La Convention citoyenne pour le climat a émis 150 propositions, dont certaines pourraient être soumises par référendum au vote du peuple.

La Convention avait notamment proposé :
- l’introduction dans le préambule de la Constitution : "La conciliation des droits, libertés et principes qui en résultent ne saurait compromettre la préservation de l’environnement, patrimoine commun de l’humanité."
- l’ajout d’un alinéa dans l’article 1er de la Constitution : "La République garantit la préservation de la biodiversité, de l’environnement et lutte contre le dérèglement climatique."

Emmanuel Macron a refusé cette introduction, au motif que le droit de l’environnement ne devait pas être placé au-dessus des autres libertés et des autres droits garantis par la Constitution.

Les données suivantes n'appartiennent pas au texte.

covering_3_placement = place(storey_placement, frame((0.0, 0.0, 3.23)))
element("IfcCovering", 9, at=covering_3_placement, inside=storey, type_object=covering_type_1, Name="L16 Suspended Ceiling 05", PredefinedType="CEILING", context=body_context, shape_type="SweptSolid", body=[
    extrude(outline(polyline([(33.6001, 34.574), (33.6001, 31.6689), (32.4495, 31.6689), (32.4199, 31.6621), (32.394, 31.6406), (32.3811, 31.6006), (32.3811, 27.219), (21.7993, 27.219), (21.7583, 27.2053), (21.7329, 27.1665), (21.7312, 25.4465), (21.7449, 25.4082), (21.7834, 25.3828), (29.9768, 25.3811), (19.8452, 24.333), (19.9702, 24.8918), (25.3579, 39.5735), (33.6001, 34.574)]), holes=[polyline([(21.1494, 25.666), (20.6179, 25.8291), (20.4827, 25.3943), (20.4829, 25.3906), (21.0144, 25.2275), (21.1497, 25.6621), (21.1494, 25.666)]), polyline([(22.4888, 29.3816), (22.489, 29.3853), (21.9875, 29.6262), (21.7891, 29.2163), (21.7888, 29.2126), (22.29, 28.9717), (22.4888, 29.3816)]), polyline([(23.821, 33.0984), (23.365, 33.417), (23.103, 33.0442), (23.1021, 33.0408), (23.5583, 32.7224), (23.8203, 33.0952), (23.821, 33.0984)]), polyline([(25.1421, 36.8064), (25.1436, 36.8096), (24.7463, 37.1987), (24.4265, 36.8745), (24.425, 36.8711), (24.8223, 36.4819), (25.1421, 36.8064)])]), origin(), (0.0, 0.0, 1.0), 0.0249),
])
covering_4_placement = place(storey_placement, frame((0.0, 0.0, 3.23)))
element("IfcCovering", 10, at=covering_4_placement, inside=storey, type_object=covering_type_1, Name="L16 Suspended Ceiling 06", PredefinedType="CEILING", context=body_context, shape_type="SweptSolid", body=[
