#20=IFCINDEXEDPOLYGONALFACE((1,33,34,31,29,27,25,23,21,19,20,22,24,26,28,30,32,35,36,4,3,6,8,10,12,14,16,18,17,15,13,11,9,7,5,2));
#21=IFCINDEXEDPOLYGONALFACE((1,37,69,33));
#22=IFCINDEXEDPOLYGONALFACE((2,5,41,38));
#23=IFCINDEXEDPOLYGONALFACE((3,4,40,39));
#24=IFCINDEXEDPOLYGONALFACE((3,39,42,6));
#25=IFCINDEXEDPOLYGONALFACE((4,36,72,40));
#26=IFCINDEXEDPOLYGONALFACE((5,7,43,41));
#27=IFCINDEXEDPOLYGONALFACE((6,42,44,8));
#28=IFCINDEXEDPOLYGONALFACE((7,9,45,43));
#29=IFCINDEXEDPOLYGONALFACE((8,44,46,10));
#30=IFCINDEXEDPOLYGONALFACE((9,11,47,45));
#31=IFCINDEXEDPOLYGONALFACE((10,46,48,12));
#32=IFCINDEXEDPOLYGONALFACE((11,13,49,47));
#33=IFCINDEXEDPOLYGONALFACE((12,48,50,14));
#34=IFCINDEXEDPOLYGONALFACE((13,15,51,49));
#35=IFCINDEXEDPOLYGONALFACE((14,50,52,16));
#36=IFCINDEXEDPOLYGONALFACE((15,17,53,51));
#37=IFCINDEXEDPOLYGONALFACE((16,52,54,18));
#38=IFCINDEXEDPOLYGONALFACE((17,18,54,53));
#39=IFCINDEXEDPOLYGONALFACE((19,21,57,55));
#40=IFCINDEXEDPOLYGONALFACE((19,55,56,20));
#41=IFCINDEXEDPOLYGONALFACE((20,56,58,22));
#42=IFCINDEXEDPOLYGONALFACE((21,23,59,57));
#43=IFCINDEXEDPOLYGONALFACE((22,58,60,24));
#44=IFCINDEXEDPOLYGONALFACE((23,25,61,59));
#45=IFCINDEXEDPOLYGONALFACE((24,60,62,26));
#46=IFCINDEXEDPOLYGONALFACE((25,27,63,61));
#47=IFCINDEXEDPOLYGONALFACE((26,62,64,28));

Rappelons par ailleurs que la Charte de l’Environnement est inscrite depuis 2004 dans le bloc de Constitutionnalité, qui constitiue depuis 1971 un ensemble de textes qui ont une valeur constitutionnelle. Rappelons aussi que toute modification des textes constitutionnels supposent une révision constitutionnelle.

La Convention a proposé aussi la création d’un "Défenseur de l’environnement", sur le modèle du Défenseur des droits. Autrement dit, il s’agirait d’une Autorité administrative indépendante (AAI) garante du respect de l’environnement.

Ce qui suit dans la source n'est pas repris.